Lancet. 2017 Jul 15;390(10091):231-266. doi: 10.1016/S0140-6736(17)30818-8. Epub 2017 May 18.
National levels of personal health-care access and quality can be approximated by measuring mortality rates from causes that should not be fatal in the presence of effective medical care (ie, amenable mortality). Previous analyses of mortality amenable to health care only focused on high-income countries and faced several methodological challenges. In the present analysis, we use the highly standardised cause of death and risk factor estimates generated through the Global Burden of Diseases, Injuries, and Risk Factors Study (GBD) to improve and expand the quantification of personal health-care access and quality for 195 countries and territories from 1990 to 2015.
We mapped the most widely used list of causes amenable to personal health care developed by Nolte and McKee to 32 GBD causes. We accounted for variations in cause of death certification and misclassifications through the extensive data standardisation processes and redistribution algorithms developed for GBD. To isolate the effects of personal health-care access and quality, we risk-standardised cause-specific mortality rates for each geography-year by removing the joint effects of local environmental and behavioural risks, and adding back the global levels of risk exposure as estimated for GBD 2015. We employed principal component analysis to create a single, interpretable summary measure-the Healthcare Quality and Access (HAQ) Index-on a scale of 0 to 100. The HAQ Index showed strong convergence validity as compared with other health-system indicators, including health expenditure per capita (r=0·88), an index of 11 universal health coverage interventions (r=0·83), and human resources for health per 1000 (r=0·77).
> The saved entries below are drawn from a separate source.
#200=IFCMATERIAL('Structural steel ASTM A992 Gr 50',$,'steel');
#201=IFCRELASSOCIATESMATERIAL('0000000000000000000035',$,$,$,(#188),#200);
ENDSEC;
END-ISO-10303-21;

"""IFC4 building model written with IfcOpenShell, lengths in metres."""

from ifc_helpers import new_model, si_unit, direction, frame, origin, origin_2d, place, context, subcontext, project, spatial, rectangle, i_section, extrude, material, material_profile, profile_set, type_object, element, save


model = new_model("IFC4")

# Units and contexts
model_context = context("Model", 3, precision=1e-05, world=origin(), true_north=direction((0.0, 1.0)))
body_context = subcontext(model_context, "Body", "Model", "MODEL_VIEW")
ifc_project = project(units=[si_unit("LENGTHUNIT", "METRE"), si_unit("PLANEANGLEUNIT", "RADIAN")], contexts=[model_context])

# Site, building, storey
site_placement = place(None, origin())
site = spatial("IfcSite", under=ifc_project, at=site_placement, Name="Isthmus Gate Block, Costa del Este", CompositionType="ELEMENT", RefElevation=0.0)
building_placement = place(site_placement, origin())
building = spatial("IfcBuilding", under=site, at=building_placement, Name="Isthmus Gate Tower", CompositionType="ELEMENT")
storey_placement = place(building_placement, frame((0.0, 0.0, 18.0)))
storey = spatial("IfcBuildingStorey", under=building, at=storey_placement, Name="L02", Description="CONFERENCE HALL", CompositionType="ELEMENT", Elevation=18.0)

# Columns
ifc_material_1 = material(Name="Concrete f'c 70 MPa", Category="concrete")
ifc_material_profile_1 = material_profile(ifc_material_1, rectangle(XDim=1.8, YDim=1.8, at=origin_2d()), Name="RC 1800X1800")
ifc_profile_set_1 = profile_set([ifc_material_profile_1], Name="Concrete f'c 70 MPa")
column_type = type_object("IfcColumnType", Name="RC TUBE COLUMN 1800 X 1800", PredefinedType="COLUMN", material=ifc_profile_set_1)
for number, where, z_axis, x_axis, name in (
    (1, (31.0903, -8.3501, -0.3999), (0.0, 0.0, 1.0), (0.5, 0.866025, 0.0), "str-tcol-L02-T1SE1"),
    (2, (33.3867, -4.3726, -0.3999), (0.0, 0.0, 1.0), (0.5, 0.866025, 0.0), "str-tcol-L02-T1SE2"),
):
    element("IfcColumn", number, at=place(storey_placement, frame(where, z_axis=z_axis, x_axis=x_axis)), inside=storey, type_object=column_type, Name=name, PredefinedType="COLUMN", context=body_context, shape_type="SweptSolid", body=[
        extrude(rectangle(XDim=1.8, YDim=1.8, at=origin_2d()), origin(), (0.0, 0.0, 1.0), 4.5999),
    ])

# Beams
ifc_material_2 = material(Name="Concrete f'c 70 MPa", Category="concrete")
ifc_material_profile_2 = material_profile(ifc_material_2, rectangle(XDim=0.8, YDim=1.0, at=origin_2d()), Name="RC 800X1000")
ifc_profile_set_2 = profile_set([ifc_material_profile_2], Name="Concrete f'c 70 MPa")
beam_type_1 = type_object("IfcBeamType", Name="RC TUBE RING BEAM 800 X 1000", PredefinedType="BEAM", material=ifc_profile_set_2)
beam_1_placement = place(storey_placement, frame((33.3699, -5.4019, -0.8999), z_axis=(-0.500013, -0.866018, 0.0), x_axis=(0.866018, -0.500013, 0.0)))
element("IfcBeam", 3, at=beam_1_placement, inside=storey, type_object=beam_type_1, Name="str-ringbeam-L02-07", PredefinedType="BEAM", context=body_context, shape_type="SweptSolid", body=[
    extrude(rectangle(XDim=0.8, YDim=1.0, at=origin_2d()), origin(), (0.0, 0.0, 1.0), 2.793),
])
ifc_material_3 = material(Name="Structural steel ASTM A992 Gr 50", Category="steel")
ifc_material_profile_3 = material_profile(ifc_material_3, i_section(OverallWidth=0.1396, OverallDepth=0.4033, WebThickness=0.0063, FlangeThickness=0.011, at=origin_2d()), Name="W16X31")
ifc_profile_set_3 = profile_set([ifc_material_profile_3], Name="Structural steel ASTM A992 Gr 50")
We used free disposal hull analysis with bootstrapping to produce a frontier based on the relationship between the HAQ Index and the Socio-demographic Index (SDI), a measure of overall development consisting of income per capita, average years of education, and total fertility rates. This frontier allowed us to better quantify the maximum levels of personal health-care access and quality achieved across the development spectrum, and pinpoint geographies where gaps between observed and potential levels have narrowed or widened over time.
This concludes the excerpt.